Gavin told council members that cutting the grass at the home and doing other chores is too much for him and believes it is time to move.
Gavin wants to sell the home, but did not mention an asking price at Monday's meeting. Gavin said someone who specializes in appraising historic homes probably would have to determine the price.
Because the town does not have the money to buy the home, city council members are considering having an organization known as the Trust for Public Land identify sources of funding for the purchase.
A variety of possible funding sources, including state grants and creative financing proposals, could be used to pay for Happy Retreat, said Debi Osborne, Chesapeake field office director for the Trust for Public Land.
Gavin said he wanted to present the idea to the council to see how they felt about it.
Council members supported the proposal.
Mayor Randy Hilton said it is a rare opportunity because few places in the country can boast of having a connection to the Washington family.

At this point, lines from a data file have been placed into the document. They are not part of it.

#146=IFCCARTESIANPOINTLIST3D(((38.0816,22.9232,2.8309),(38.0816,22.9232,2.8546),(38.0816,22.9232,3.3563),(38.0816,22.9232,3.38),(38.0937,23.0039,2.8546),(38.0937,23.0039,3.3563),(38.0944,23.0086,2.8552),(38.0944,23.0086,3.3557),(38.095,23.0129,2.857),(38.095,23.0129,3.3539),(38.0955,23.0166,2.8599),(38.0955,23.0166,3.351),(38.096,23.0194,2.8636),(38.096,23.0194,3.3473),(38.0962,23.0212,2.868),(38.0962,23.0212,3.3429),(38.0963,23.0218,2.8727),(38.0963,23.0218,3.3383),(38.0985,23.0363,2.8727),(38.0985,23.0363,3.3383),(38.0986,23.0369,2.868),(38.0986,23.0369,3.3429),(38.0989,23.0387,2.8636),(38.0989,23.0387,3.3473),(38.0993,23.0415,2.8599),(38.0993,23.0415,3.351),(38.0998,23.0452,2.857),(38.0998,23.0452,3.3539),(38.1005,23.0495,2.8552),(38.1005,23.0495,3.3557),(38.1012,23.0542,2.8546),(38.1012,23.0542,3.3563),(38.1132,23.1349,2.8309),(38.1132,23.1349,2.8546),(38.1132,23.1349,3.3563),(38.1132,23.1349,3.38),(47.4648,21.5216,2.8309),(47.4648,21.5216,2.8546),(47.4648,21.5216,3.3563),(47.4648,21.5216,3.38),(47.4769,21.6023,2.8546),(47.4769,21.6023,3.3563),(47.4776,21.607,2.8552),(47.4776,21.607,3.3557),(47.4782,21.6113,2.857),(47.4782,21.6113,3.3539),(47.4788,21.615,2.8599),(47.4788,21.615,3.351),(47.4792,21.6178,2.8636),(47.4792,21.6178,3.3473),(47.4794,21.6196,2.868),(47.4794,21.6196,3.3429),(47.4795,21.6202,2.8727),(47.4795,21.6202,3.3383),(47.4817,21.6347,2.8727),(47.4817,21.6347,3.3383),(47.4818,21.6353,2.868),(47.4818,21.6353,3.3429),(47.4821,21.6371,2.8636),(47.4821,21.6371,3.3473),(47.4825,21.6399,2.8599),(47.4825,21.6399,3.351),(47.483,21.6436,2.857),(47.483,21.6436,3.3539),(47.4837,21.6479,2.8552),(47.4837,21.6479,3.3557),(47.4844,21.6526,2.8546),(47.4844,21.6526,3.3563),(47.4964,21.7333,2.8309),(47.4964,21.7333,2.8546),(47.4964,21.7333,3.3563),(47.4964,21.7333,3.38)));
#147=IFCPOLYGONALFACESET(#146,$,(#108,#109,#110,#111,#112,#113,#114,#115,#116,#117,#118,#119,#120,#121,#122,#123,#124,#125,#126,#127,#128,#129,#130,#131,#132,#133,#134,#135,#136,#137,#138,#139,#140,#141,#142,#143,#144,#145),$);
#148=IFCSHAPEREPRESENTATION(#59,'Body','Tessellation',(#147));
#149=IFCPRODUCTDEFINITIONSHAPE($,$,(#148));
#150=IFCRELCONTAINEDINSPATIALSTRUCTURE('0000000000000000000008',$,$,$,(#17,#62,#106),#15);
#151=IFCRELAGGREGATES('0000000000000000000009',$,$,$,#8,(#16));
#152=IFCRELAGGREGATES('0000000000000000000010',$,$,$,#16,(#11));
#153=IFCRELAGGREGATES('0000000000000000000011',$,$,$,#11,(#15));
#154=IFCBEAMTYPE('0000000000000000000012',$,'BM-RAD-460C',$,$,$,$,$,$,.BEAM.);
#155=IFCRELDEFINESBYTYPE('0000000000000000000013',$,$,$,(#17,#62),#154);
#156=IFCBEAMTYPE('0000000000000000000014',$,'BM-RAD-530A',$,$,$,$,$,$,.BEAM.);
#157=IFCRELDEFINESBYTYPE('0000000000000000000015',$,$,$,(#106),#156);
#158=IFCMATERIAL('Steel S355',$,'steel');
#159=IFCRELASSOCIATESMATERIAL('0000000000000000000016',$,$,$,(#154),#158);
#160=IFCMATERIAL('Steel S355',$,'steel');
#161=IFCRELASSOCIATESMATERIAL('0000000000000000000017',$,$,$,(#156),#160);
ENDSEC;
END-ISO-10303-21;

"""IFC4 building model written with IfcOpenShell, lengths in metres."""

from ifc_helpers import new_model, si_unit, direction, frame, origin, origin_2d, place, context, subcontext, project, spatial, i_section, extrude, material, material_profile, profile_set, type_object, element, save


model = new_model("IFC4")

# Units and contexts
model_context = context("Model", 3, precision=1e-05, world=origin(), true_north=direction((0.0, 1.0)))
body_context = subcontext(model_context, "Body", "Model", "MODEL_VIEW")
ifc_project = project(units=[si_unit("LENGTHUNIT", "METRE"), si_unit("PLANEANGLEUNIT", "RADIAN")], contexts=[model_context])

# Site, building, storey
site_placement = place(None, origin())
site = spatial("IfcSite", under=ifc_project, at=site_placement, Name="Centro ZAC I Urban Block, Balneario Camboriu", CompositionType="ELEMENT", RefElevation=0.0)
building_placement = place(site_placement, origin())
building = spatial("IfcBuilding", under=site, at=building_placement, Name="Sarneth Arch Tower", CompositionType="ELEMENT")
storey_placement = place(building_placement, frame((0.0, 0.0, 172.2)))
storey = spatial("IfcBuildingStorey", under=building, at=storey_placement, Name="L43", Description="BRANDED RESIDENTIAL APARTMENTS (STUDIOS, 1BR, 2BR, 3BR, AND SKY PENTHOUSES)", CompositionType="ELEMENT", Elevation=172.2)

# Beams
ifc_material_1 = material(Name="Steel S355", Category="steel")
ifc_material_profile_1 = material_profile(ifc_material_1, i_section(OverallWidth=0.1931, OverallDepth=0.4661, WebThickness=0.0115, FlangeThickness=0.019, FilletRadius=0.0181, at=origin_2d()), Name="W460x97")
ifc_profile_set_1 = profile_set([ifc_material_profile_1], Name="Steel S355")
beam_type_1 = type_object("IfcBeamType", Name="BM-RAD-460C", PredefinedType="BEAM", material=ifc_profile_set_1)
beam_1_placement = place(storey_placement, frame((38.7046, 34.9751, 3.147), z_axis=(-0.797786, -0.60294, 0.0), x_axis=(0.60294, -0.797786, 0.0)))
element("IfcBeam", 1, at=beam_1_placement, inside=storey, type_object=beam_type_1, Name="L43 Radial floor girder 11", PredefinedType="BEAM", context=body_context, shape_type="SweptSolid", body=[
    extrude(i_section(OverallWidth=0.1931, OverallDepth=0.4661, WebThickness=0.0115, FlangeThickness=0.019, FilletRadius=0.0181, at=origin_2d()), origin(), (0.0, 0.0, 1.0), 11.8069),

Council member Matt Ward said because Happy Retreat is close to the Huntfield development, it could complement a proposed bike path serving Huntfield and the city.

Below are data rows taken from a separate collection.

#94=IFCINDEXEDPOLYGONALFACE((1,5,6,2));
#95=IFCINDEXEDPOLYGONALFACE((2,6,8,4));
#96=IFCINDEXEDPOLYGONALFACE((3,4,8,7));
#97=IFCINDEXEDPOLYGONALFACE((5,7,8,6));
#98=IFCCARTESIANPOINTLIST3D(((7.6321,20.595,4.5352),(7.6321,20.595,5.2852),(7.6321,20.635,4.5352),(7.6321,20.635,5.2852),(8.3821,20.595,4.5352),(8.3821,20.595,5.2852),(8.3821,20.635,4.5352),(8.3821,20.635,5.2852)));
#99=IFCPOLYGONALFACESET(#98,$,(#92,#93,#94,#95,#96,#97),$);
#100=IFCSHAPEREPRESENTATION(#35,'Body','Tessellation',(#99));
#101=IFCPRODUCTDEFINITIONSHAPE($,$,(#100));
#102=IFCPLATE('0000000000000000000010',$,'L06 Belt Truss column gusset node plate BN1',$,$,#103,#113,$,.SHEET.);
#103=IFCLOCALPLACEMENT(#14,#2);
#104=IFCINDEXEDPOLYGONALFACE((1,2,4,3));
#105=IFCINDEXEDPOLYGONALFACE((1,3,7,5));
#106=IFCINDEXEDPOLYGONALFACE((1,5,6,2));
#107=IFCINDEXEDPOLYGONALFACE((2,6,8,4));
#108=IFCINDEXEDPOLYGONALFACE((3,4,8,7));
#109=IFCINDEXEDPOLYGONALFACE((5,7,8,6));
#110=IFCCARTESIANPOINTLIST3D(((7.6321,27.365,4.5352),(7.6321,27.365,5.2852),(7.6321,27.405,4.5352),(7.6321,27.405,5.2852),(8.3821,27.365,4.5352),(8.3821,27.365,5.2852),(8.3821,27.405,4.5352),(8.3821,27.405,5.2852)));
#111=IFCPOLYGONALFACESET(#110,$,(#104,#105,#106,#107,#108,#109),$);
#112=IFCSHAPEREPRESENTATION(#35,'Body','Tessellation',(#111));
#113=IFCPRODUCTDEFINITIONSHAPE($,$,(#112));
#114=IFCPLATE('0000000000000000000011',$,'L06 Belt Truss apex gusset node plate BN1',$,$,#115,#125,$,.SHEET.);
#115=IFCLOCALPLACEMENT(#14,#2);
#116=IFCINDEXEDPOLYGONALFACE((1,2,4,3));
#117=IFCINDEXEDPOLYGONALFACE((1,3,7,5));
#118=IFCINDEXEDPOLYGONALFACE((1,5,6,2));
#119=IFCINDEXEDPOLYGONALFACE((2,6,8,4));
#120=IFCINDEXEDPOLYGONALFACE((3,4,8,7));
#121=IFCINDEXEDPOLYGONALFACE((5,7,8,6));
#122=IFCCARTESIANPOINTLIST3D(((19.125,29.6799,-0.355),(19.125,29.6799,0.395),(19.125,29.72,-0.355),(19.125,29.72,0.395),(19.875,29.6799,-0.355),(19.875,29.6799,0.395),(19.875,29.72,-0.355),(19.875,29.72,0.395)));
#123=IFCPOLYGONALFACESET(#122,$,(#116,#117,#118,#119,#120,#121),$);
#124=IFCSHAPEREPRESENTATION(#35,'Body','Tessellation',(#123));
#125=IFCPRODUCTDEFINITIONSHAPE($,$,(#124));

"It would be really sad if Charles Town did not own a Washington home," said council member Geraldine Willingham.
Charles Washington was the brother of President George Washington. Charles Washington built Happy Retreat in 1780 and lived there until his death in 1799, Gavin said.
The two-story home has nine bedrooms, and the front view of the home is used on the city's stationery. There are six other Washington homes in the area, including Beall-Air, Claymont Court, Harewood, Blakeley, Cedar Lawn and Richwood Hall.
Charles Washington - credited as the founder of Charles Town - took 80 acres he owned and divided them into lots. Happy Retreat was just a short distance away from his real estate office on Lawrence Street, which he probably reached by horseback, Gavin said.
"He was the original developer," Gavin said.
When Charles Washington laid out the town, he set aside the four corners at the intersection of George and Washington streets, the main intersection in town, for public use.
The city is honoring that part of the town's history by building a simulated brick and cobblestone surface at the intersection as part of the town's $7.1 million revitalization.